Nel 2004 una mia amica, per Natale, mi regala una pianta di stella di Natale (Euphorbia poinsettia). Fin qui niente di strano: non è stata la prima e nemmeno l'ultima stella ricevuta in regalo. Ma dal 2006 ho vietato a tutti gli amici e parenti di regalarmene altre. Perché la pianta del 2004 è diventata... un albero!

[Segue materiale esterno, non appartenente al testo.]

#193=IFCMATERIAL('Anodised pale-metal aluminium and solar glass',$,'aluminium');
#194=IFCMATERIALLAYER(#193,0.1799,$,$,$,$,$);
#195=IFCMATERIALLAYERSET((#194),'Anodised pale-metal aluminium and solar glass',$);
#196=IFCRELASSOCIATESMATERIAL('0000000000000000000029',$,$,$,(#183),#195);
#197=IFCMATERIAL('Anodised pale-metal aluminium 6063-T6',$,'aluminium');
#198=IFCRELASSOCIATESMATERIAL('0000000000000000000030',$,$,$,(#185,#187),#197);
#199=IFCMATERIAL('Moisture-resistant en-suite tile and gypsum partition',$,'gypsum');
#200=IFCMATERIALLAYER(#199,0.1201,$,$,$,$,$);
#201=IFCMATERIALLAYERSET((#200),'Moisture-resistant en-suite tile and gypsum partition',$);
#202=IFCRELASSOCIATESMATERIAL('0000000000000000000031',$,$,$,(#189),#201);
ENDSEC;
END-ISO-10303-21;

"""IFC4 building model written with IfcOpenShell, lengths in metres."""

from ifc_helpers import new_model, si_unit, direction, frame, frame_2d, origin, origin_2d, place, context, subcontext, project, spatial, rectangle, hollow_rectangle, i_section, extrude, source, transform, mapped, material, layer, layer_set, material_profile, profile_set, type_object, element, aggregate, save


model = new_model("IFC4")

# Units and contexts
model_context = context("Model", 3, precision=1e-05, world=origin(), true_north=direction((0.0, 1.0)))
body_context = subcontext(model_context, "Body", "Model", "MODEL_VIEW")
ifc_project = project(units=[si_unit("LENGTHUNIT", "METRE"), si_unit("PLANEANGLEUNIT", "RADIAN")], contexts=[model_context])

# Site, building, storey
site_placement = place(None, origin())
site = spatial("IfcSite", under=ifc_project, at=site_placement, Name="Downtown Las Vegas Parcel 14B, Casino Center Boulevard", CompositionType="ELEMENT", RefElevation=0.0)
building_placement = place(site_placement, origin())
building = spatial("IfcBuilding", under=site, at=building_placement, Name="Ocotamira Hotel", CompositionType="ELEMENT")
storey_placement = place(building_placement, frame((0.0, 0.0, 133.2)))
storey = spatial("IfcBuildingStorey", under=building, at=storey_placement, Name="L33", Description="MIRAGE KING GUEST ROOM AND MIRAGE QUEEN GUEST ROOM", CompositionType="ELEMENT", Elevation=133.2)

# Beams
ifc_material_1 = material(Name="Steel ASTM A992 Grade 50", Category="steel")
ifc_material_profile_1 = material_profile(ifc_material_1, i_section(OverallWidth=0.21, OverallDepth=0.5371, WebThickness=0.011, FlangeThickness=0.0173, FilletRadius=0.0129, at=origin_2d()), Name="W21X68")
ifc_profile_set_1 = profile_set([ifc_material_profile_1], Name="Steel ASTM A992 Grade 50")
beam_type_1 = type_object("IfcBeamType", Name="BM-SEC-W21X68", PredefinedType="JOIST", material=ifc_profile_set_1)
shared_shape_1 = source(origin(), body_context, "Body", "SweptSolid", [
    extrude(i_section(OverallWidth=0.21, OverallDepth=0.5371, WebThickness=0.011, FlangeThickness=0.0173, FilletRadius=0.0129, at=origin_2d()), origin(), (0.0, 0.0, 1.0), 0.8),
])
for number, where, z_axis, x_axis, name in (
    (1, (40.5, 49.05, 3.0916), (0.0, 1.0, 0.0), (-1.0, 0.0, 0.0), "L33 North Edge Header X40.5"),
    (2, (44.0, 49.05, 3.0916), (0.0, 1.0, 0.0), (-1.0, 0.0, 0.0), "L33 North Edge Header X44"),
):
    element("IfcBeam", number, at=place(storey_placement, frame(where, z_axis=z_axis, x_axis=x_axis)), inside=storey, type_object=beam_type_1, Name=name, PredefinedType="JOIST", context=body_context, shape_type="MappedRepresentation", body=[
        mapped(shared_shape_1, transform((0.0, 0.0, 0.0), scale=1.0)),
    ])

Normalmente le stelle di Natale non hanno vita facile in appartamento: sono piante che amano il fresco, quindi una temperatura compresa fra 15 e 18 °C, mentre nelle nostre case regnano i 20 °C. Vogliono stare ben lontane dai termosifoni, che le soffocano. Non amano però le vaporizzazioni. Aborrono le correnti d'aria fredda, quindi per loro l'apertura delle finestre per il normale ricambio d'aria in inverno è un vero shock, a volte letale. Desiderano molta luce, ma non i raggi diretti del sole. Detestano essere spostate di continuo, quindi la posizione in centrotavola da pranzo è terribile. Infine vanno annaffiate poco e spesso, solo quando la terra si è asciugata ma prima che le foglie denuncino segni di appassimento...

Insomma, non sono proprio piante facilissime da tenere, infatti spesso defungono già durante le Feste, o subito dopo.

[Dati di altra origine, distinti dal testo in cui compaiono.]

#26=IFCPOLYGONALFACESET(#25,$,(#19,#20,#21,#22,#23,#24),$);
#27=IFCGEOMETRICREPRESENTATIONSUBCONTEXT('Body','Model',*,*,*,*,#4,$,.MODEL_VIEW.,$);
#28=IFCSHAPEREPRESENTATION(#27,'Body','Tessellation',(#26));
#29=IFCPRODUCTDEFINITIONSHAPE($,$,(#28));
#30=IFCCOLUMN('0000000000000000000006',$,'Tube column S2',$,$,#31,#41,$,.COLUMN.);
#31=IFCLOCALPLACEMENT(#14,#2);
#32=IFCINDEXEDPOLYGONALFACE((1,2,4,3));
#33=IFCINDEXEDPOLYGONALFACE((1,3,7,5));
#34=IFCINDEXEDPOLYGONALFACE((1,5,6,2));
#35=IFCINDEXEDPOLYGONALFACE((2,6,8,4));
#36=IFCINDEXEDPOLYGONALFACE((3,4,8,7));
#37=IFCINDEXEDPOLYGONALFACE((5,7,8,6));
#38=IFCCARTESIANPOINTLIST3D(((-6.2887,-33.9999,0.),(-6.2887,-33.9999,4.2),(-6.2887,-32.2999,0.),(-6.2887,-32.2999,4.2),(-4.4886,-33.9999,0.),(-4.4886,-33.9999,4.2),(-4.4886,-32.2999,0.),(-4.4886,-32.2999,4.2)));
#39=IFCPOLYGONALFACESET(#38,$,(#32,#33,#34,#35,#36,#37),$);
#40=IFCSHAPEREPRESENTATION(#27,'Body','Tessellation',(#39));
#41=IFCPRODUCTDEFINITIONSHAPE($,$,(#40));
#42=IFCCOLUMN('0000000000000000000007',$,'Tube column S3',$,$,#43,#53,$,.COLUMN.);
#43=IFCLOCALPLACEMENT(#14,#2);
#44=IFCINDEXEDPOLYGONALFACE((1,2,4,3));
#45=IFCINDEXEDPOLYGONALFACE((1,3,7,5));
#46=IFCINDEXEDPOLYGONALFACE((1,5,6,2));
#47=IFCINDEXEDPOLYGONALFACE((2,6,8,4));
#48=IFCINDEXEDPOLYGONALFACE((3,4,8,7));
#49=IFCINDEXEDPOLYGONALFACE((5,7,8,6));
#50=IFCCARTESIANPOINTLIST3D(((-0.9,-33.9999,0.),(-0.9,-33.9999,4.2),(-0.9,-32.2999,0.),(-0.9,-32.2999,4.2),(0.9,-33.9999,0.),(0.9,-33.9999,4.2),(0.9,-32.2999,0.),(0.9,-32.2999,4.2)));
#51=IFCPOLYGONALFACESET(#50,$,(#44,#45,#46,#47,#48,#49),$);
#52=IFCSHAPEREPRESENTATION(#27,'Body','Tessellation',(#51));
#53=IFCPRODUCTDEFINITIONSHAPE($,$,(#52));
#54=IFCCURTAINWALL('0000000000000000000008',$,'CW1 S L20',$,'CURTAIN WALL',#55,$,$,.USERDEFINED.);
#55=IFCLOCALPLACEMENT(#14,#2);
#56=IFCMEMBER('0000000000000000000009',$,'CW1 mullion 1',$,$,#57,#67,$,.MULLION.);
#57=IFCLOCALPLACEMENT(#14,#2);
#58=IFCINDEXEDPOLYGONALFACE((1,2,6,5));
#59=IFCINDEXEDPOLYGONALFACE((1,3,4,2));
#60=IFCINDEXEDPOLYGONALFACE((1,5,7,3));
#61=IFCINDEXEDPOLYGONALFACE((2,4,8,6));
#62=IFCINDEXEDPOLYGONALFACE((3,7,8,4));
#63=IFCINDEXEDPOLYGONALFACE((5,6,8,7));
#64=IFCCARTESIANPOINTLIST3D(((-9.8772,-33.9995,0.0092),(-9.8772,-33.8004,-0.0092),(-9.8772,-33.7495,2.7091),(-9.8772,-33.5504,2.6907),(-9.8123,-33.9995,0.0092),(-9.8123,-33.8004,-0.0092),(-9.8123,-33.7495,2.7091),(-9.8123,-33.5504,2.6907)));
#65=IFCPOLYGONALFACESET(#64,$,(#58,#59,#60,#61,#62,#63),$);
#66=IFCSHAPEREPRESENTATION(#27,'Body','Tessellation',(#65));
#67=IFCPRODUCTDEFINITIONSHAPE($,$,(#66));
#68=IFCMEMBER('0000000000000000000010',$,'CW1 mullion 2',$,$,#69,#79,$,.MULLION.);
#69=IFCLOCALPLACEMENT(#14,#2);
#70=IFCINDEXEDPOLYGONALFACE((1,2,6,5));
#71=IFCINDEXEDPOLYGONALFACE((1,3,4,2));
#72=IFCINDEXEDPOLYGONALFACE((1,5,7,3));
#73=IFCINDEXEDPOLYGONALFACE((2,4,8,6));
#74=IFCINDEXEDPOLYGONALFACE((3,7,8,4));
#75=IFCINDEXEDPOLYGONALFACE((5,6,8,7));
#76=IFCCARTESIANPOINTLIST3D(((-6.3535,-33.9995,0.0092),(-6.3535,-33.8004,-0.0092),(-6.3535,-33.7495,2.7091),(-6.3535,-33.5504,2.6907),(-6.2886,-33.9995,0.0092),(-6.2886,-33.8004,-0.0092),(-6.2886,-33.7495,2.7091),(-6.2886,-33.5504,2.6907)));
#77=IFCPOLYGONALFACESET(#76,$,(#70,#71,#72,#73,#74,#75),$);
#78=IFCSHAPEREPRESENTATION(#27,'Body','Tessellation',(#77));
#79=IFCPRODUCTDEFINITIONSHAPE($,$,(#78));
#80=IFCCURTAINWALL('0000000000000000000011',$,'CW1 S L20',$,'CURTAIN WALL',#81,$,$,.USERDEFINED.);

Le poche che superano indenni l'Epifania vengono decimate all'arrivo del caldo estivo, quando la temperatura ambiente le arrostisce e il condizionatore le raggela.

Anche a me era sempre successo così: stelle di Natale entrate in casa all'inizio di dicembre e già tristi e appassite il 25 dicembre oppure, nella migliore delle ipotesi, esemplari arrivati alla primavera e poi seccati dai primi caldi.

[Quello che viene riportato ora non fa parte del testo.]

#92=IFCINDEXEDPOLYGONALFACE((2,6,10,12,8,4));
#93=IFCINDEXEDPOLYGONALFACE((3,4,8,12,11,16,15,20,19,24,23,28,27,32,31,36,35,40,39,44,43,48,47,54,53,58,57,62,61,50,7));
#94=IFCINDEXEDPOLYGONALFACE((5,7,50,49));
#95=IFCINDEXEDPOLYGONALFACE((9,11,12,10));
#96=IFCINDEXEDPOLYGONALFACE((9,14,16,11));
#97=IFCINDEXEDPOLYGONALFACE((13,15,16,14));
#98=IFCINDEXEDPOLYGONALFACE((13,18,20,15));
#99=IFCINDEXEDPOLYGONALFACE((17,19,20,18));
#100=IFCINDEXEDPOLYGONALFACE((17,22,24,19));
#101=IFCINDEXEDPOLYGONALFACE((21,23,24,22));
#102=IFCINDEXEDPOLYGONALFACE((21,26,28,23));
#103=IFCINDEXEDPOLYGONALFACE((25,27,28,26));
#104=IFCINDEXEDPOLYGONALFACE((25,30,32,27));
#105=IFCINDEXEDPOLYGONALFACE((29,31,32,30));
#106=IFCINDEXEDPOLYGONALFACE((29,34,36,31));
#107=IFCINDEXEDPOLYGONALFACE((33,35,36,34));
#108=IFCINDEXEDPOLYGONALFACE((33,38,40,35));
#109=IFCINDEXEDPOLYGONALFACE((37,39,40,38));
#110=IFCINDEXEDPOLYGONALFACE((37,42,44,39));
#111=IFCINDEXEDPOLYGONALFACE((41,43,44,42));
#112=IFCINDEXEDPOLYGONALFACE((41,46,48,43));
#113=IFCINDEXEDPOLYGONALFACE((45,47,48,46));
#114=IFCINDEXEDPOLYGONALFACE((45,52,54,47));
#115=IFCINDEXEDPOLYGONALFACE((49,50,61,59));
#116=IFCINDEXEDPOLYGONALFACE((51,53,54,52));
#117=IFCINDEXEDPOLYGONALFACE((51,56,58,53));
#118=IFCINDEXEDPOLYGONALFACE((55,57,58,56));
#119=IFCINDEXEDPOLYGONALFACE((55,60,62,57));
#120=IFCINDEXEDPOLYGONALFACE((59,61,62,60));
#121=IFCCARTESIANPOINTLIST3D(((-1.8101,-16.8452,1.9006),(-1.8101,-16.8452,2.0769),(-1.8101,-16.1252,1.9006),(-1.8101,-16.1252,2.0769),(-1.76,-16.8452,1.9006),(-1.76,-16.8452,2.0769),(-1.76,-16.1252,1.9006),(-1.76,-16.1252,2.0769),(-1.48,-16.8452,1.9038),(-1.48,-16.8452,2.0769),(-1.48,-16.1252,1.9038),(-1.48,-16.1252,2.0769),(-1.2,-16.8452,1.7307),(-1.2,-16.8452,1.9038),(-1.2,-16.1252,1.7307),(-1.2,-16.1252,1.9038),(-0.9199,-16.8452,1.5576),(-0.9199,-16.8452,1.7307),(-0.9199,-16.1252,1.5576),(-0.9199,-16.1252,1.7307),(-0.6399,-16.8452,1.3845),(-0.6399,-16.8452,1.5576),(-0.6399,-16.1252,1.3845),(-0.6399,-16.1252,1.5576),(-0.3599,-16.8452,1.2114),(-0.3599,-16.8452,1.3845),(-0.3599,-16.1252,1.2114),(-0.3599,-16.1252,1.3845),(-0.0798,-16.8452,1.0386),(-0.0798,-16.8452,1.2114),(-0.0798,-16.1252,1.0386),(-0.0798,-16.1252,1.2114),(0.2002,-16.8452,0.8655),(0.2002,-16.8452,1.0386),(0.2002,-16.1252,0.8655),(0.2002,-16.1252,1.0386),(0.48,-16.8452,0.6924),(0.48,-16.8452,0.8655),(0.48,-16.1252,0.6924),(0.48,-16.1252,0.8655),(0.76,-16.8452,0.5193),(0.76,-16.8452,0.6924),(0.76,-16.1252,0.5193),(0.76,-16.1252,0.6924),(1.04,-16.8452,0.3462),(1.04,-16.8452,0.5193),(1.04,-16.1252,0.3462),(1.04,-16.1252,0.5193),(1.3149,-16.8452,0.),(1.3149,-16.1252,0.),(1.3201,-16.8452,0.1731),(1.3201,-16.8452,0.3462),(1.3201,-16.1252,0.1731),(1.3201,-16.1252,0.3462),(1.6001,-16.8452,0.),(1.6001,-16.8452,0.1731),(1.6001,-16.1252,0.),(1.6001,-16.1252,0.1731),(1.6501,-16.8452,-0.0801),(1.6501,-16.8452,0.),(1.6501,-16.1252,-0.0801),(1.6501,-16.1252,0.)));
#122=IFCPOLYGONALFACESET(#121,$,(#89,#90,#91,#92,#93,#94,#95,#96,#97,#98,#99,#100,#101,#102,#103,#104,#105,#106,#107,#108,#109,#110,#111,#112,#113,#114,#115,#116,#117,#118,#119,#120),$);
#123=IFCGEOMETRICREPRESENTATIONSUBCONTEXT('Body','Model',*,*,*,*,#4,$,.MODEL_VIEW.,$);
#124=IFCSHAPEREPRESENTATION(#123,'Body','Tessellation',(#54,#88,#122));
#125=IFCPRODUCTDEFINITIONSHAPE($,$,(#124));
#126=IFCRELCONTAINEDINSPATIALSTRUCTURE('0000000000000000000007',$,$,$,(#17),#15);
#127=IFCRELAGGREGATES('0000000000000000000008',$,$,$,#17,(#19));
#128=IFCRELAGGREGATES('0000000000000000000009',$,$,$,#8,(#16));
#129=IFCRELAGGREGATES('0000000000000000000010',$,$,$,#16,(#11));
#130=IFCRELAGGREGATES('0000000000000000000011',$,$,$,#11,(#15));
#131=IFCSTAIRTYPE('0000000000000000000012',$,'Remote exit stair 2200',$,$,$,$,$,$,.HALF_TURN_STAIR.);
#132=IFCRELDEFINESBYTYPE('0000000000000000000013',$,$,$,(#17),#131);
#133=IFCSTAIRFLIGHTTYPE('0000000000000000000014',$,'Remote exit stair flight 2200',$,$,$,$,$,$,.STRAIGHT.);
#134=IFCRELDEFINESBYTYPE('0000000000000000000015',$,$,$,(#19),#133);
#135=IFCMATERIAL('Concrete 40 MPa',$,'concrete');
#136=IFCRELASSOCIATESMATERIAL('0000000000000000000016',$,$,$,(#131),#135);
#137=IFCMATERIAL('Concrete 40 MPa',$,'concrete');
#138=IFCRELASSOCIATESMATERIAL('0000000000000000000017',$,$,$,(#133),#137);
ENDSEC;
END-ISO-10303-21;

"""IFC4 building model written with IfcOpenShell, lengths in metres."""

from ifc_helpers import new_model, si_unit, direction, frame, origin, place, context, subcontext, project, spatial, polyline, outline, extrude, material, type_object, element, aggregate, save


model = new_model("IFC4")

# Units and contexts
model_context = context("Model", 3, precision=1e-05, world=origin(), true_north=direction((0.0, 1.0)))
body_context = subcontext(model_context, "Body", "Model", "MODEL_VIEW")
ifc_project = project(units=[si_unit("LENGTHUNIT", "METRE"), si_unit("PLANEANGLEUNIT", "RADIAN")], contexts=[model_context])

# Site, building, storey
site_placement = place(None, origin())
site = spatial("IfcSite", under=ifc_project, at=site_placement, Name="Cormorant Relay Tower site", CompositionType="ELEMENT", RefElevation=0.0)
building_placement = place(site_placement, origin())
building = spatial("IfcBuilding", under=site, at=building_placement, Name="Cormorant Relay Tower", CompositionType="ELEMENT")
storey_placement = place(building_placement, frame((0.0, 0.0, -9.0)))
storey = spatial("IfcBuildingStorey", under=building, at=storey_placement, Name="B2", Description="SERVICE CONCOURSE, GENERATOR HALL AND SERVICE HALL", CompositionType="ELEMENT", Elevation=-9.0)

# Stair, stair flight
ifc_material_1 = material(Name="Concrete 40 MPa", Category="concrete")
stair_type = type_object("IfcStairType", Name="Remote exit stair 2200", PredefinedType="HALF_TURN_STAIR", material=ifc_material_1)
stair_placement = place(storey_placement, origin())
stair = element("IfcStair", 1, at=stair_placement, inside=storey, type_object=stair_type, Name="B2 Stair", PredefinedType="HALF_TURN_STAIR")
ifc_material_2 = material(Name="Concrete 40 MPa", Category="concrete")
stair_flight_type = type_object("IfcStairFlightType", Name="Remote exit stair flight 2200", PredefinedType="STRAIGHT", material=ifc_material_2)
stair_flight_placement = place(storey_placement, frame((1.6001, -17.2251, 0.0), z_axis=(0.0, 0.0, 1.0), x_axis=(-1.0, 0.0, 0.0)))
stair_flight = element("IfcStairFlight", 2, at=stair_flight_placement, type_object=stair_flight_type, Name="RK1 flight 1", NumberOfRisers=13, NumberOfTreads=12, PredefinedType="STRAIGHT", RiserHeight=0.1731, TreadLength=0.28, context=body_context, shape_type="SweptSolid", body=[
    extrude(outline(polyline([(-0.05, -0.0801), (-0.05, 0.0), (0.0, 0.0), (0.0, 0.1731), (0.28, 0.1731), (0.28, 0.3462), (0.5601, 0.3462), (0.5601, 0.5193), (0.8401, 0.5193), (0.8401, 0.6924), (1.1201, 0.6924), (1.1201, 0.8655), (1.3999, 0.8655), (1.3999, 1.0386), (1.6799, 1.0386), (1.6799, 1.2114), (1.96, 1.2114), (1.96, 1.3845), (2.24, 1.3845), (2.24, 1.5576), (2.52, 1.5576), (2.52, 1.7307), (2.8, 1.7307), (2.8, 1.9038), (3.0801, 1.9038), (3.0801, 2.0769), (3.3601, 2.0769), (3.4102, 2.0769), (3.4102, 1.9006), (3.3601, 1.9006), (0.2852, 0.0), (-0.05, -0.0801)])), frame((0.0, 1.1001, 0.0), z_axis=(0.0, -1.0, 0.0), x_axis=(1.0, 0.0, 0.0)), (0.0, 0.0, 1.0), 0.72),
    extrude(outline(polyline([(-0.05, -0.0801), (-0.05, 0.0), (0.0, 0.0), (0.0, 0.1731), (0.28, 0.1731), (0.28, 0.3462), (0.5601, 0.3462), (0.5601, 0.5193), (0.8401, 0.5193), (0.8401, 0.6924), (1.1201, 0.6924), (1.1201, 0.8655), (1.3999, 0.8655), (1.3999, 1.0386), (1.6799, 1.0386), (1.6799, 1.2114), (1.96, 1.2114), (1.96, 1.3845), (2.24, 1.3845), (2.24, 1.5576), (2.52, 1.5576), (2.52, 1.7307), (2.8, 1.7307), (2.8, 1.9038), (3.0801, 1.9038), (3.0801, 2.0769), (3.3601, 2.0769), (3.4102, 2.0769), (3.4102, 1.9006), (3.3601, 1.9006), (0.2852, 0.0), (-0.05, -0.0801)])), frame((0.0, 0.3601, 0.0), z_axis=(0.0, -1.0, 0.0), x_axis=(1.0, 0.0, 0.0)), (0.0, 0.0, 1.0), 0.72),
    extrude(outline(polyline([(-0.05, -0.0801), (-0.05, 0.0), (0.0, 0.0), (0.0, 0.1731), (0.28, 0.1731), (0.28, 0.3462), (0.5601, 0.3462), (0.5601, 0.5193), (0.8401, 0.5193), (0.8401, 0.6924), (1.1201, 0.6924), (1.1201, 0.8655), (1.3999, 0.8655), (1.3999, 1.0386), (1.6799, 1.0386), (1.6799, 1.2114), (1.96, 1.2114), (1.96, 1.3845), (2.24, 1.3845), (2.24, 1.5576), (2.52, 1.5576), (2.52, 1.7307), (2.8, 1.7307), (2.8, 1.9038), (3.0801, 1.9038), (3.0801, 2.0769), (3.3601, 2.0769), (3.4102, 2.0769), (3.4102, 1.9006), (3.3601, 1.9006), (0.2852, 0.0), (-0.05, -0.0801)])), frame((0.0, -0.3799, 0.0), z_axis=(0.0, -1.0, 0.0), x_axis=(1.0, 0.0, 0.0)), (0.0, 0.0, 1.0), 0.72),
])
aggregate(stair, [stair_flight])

Con il mio albero invece non è andata così: collocata nella solita posizione, sul tavolino che ospita le riviste in soggiorno, ben illuminato ma non soleggiato, a una temperatura di 20 °C, riparato dall'apertura della finestra, ha mantenuto le brattee colorate (nel classico rosso intenso) fino ai primi di marzo.

Poi, una volta caduti i vessilli rossi, come si deve fare, ho tagliato i rami a 30 cm d'altezza, ho diradato le annaffiature (anche perché la temperatura incominciava a stiepidirsi, nella primavera 2005) e, francamente, non le ho più badato particolarmente, convinta che facesse la solita fine.

Ma lei voleva dimostrarmi che era diversa: con poca acqua e senza concime ha iniziato subito a emettere ciuffi di foglioline verde pisello. Quando, verso giugno, mi sono nuovamente accorta di lei, i rami erano già ricresciuti a 40 cm d'altezza, fittamente coperti, in cima, da fitte e belle foglie verdi. Naturalmente, ho ricominciato a curarla con attenzione: rinvaso con buona terra torbosa, acqua al bisogno e concime per piante verdi con regolarità ogni 15 giorni.

Da anni non mettevo più in terrazza le stelle di Natale per l'estate: troppo sole, essendo esposta a sud. Quindi il futuro albero è sempre rimasto in casa. Durante l'estate ha raggiunto e superato i 50 cm: un po' troppo ingombrante per stare ancora sul tavolinetto. L'ho spostata dov'è tuttora: in un portavasi a rotelle vicino alla porta-finestra, dove riceve per un'oretta al giorno i raggi diretti del sole. Qualche foglia si brucia ogni primavera-estate, ma lei è stata così contenta da continuare a prosperare felicemente.

Ora è alta 1,80 m, non è più stata trapiantata, nella speranza che riducesse la crescita, e anche la concimazione si riduce a un paio di fialette a lenta cessione due volte l'anno, con il medesimo intento... Nel frattempo è stata rovesciata dalla nuova gattina appena arrivata in casa, perdendo un ramo laterale; viene spostata di continuo per accedere alla libreria a fianco a lei; le si apre la finestra in faccia, anche in inverno...

Ma lei niente, continua a crescere felicemente: per questo la chiamo "il mio albero". Non è bella, ma è ammirata e coccolata dalla famiglia e dagli amici per la robustezza e la voglia di vivere!